Global Outsourcing by Virtual Companies
The factors to consider in outsourcing by a virtual pharmaceutical company were addressed by Zhengming Chen, senior director of chemistry and CMC of Dov Pharmaceutical in his presentation, “Optimized R&D Outsourcing Business Model: From PreClinical to Development: A Case Study,” at Interphex.
Dov Pharmaceutical is a biopharmaceutical company focused on the discovery, acquisition, and development of novel drug candidates for treating disorders of the central nervous system. Dov operates as a virtual company by focusing on discovery of drug candidates and using outsourcing partners to fill its needs in the drug-development process in areas such as lead optimization and medicinal chemistry, process development and manufacturing of active pharmaceutical ingredients, and drug product and clinical packaging.
Even as small company, Chen pointed out that Dov Pharmaceutical uses a global outsourcing strategy and considers and uses partners based in the United States, Europe, and Asia.
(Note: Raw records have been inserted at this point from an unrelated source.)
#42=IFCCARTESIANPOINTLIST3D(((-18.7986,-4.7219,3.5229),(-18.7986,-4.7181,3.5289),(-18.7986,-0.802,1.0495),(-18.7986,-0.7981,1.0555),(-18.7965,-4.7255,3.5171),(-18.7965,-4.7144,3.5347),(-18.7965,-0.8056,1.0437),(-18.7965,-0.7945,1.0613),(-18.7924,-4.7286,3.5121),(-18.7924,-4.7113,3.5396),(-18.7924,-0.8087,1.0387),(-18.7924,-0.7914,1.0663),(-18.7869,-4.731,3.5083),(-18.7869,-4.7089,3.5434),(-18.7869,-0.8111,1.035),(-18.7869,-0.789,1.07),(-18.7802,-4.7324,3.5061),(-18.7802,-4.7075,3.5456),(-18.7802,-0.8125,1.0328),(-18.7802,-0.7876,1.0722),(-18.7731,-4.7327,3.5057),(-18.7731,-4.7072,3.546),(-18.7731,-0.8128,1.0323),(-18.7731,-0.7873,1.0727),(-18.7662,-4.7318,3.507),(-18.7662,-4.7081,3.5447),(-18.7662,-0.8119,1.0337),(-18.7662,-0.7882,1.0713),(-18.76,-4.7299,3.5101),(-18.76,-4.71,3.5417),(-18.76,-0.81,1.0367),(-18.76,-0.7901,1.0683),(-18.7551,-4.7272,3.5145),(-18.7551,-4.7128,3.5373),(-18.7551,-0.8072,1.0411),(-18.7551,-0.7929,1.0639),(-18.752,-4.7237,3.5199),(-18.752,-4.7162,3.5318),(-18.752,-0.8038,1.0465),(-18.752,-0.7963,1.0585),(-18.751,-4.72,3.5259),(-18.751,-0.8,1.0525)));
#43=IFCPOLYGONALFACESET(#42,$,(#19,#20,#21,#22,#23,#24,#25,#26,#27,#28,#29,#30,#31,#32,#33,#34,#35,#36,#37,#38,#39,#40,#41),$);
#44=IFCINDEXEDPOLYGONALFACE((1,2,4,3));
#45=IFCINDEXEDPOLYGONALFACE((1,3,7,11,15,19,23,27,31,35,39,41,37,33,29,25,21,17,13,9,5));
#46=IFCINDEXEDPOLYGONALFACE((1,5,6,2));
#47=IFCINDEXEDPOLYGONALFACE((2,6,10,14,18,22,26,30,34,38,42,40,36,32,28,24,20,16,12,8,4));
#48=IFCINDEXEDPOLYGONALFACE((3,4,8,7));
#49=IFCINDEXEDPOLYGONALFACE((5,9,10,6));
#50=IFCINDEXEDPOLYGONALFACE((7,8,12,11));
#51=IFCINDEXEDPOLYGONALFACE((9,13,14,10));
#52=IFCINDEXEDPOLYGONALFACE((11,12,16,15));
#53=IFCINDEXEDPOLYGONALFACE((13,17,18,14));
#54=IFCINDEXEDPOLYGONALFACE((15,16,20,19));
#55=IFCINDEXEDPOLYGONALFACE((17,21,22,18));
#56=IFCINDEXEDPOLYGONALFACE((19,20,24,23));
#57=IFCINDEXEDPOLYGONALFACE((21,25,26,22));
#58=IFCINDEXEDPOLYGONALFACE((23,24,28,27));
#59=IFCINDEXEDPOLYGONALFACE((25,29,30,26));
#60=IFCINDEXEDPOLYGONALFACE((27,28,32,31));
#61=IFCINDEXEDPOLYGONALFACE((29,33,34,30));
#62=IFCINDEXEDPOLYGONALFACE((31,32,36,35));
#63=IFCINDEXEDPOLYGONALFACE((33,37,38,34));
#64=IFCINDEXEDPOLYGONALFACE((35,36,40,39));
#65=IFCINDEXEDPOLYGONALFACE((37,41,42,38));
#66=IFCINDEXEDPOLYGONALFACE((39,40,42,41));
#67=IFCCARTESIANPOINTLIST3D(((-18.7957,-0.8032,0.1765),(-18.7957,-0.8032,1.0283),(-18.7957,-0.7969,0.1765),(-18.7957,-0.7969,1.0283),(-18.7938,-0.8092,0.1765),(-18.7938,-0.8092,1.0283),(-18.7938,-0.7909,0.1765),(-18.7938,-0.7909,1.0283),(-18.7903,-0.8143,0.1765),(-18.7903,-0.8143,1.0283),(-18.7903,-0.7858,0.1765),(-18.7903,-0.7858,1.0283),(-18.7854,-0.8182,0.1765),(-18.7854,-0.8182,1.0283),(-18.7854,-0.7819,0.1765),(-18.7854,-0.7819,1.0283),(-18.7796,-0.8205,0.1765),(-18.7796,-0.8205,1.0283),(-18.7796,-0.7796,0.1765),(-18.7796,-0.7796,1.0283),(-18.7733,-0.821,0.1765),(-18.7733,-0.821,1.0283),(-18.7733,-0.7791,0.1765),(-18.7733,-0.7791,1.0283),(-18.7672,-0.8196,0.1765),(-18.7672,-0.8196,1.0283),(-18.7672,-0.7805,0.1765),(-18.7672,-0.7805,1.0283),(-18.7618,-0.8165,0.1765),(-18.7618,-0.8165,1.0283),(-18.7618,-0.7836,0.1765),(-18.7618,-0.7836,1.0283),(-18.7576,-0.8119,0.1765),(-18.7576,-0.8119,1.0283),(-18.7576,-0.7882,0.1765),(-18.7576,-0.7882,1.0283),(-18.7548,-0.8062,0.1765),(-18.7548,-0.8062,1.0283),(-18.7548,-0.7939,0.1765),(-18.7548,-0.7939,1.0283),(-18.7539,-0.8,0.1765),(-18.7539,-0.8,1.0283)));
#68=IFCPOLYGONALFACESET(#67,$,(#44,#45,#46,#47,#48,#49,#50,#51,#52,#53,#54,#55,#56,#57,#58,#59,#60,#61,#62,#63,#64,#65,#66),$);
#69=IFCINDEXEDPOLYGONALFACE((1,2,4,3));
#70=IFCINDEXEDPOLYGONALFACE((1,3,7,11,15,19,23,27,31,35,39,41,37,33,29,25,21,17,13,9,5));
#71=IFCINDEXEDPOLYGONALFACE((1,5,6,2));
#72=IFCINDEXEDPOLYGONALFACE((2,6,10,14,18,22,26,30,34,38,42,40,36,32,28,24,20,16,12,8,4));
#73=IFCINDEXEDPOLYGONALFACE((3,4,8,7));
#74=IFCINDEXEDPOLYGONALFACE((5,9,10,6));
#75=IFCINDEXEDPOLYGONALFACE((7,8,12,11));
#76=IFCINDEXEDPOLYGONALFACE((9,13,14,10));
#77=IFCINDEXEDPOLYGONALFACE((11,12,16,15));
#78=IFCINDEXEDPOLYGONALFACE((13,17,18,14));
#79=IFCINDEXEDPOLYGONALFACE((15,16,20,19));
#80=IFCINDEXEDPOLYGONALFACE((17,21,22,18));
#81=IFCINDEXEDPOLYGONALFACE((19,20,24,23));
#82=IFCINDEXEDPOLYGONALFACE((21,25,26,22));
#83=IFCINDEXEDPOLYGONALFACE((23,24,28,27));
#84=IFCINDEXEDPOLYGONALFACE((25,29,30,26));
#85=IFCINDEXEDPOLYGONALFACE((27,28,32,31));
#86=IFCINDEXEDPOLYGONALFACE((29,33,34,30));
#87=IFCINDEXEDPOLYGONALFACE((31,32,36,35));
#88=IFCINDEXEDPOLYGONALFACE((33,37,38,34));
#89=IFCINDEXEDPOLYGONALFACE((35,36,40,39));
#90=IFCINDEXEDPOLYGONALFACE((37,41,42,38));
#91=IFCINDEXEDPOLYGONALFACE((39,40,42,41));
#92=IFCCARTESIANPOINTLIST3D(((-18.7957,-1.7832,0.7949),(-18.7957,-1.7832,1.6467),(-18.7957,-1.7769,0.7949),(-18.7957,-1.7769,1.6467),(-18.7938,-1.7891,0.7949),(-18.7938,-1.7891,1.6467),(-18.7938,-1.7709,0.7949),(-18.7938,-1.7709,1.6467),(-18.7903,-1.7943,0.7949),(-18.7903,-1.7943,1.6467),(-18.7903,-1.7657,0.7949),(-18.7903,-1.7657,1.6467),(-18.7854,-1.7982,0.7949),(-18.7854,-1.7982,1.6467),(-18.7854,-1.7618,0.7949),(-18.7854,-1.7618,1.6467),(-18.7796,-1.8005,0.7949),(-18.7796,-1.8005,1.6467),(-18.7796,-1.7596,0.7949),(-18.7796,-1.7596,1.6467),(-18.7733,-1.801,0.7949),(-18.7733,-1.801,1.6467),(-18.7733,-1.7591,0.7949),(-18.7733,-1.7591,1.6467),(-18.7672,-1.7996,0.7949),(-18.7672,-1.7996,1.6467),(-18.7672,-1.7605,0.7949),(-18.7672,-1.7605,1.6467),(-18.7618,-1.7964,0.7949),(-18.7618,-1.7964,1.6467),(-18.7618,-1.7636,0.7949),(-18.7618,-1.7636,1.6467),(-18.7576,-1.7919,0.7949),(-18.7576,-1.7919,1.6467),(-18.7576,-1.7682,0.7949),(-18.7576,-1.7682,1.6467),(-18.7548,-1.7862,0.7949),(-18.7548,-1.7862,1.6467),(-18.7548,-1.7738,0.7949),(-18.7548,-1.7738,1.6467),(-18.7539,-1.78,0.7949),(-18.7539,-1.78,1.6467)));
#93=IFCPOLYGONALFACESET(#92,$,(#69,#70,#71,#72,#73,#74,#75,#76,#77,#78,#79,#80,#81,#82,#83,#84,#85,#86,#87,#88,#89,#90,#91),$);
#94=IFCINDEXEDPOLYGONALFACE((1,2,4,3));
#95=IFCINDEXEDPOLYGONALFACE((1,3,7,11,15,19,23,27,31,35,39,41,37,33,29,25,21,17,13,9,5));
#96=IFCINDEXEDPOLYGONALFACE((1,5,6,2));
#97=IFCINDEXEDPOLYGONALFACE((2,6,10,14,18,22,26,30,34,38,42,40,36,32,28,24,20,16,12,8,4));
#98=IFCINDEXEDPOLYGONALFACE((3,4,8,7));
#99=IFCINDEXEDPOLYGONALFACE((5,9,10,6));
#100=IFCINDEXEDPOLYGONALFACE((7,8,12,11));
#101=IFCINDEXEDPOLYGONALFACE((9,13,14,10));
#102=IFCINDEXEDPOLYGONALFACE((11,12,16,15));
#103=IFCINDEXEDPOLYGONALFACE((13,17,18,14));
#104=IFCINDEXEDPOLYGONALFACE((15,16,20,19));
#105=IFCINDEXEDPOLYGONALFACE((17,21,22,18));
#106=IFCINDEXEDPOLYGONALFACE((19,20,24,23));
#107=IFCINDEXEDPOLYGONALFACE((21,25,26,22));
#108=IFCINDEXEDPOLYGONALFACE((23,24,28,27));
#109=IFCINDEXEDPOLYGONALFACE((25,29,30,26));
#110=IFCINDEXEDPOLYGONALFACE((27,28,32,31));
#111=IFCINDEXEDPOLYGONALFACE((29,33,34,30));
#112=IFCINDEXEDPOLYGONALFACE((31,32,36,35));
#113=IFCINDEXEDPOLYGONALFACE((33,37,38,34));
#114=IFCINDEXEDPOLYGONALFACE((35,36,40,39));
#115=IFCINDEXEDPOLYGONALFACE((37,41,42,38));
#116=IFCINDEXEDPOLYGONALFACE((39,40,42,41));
Globalization of the pharmaceutial industry is often considered in the realm of Big Pharma and the optimization of its development activities and manufacturing networks, but it is also an important part of doing business for the small players. As Big Pharma continues to struggle with product innovation and making its pipeline fertile, meeting the demands of the global virtual pharmaceutical company is an important paradigm in outsourcing.
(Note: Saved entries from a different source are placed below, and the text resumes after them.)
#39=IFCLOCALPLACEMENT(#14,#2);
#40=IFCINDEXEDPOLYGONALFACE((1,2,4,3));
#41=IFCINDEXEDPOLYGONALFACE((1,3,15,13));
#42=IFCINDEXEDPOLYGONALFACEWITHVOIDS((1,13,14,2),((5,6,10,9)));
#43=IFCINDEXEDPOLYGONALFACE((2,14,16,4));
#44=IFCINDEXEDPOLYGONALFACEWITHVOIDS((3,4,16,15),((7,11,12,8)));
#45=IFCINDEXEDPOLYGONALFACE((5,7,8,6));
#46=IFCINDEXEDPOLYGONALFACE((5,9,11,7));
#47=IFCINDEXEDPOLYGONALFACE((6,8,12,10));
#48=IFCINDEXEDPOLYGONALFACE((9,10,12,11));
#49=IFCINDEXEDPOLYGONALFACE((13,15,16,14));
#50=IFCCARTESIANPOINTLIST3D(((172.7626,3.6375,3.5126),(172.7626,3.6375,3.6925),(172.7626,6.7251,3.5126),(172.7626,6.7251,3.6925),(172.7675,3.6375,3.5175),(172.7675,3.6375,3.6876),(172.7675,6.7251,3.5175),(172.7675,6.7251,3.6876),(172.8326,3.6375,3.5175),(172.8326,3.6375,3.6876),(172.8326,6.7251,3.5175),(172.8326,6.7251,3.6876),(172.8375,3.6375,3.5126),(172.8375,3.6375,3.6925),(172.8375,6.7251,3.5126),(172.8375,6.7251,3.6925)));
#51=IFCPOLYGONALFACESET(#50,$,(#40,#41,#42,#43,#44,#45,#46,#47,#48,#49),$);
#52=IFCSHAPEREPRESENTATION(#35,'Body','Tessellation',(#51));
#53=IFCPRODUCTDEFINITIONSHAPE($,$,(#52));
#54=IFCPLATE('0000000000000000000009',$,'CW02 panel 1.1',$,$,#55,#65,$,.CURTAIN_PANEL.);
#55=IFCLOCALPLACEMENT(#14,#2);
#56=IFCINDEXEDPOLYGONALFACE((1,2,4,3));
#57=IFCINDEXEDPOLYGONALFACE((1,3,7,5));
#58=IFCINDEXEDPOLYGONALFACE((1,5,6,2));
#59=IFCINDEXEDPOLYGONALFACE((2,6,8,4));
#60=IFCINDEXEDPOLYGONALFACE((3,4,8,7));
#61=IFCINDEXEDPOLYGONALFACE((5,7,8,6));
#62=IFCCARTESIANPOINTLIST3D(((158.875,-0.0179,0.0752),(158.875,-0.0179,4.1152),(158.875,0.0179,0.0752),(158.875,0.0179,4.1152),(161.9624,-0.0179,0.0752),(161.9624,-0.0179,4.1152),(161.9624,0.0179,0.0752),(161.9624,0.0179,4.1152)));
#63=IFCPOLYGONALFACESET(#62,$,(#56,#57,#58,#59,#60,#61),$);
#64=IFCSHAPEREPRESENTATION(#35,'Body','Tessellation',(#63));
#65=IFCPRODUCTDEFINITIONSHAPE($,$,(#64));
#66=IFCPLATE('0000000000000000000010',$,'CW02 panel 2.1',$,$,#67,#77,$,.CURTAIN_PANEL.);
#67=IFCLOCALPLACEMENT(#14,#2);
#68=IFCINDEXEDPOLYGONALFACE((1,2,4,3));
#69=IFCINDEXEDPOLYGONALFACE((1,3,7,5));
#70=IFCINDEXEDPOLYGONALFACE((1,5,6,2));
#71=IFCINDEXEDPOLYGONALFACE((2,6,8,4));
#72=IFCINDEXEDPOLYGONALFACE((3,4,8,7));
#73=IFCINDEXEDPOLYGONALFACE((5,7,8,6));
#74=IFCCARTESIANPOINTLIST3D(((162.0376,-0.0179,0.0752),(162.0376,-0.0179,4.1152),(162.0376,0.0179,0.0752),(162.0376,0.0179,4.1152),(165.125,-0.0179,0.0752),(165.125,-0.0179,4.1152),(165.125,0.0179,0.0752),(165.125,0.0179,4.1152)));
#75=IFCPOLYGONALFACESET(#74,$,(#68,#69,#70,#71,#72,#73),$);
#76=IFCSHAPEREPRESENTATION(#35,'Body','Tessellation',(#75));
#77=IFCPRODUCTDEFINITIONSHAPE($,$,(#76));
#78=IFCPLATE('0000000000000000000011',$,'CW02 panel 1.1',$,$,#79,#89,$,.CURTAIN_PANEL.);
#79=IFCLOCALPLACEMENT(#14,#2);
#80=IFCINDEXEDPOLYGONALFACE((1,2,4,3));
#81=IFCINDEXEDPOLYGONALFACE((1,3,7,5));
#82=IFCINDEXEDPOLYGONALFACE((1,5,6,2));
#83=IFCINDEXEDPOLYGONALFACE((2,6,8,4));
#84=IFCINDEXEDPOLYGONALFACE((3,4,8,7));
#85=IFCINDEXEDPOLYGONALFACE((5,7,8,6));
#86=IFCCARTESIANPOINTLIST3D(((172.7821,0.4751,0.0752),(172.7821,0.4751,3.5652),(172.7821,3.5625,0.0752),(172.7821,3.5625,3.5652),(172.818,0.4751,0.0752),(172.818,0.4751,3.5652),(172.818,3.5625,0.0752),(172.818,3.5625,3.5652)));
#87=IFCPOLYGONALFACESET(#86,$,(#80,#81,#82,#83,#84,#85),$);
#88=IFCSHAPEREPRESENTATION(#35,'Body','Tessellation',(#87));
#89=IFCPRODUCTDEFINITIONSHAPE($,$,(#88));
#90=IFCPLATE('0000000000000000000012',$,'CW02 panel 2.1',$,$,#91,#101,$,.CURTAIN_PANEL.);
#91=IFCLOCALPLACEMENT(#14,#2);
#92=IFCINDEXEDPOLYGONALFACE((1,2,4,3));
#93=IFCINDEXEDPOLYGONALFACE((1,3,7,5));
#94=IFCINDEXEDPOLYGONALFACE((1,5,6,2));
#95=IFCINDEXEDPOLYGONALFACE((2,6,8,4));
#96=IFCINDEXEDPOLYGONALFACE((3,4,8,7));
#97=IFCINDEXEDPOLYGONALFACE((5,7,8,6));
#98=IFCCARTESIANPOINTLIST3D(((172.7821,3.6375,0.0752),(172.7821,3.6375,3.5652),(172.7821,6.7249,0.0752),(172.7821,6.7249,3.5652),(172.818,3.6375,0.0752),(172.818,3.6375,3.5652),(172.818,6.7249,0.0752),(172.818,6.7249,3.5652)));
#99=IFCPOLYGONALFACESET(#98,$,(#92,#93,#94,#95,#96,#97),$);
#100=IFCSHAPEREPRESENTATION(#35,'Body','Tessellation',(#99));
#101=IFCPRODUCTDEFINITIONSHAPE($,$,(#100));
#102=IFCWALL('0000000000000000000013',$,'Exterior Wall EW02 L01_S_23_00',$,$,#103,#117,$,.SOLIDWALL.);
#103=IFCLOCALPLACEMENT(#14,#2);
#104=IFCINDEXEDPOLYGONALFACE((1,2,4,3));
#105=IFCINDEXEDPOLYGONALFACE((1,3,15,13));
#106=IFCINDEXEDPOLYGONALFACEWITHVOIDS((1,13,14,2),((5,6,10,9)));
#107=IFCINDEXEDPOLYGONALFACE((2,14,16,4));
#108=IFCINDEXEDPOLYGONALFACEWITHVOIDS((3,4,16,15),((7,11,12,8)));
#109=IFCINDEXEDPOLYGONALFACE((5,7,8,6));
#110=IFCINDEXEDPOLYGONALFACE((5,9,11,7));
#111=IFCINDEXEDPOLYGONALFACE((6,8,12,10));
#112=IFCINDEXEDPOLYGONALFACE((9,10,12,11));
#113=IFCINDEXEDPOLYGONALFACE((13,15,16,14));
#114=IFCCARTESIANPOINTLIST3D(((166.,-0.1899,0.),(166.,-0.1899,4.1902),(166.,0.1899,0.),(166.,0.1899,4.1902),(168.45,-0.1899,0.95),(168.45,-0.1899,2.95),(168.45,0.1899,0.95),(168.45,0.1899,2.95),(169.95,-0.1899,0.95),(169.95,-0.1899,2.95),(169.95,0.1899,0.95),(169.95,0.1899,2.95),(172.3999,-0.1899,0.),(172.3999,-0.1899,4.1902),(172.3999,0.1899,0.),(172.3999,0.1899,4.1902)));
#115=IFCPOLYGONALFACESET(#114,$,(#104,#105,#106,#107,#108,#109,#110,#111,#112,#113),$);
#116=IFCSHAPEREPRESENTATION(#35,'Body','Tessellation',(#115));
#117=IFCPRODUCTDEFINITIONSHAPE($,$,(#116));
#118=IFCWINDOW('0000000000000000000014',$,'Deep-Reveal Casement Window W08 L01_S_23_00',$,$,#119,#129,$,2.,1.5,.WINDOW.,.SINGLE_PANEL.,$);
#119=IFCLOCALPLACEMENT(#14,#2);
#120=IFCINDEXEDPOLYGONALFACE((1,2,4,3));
Share your perspectives in meeting the outsourcing needs by virtual companies and leave a comment below.
Ladies and Gentlemen,
It is our pleasure to introduce the Clinical Research Scientific Advisory Committee which has been established and is managed by the Clinical Research Foundation EEU.
The Clinical Research Scientific Advisory Committee is an alliance of the most experienced and honored medical and clinical research professionals: active key opinion leaders in various clinical indications from the Eastern European Area.
Based on extended experience and expertise in all indication fields and in the development of Clinical and Medical Research processes, the principal members of the Clinical Research Scientific Advisory Committee believe in beginning a New Clinical Research Development Initiative in support of Pharma Industry and Research Institutions.
The intent of the initiative is to improve and continuously reinforce the quality and effectiveness of the processes on preparation and professional implementation of clinical research in the Eastern EU countries.
In light of all the above, the Clinical Research Scientific Advisory Committee is offering its capability in expertise and scientific authority in the EEU area to the pharma industry, research institutions, governmental organizations, etc. by developing an active partnership.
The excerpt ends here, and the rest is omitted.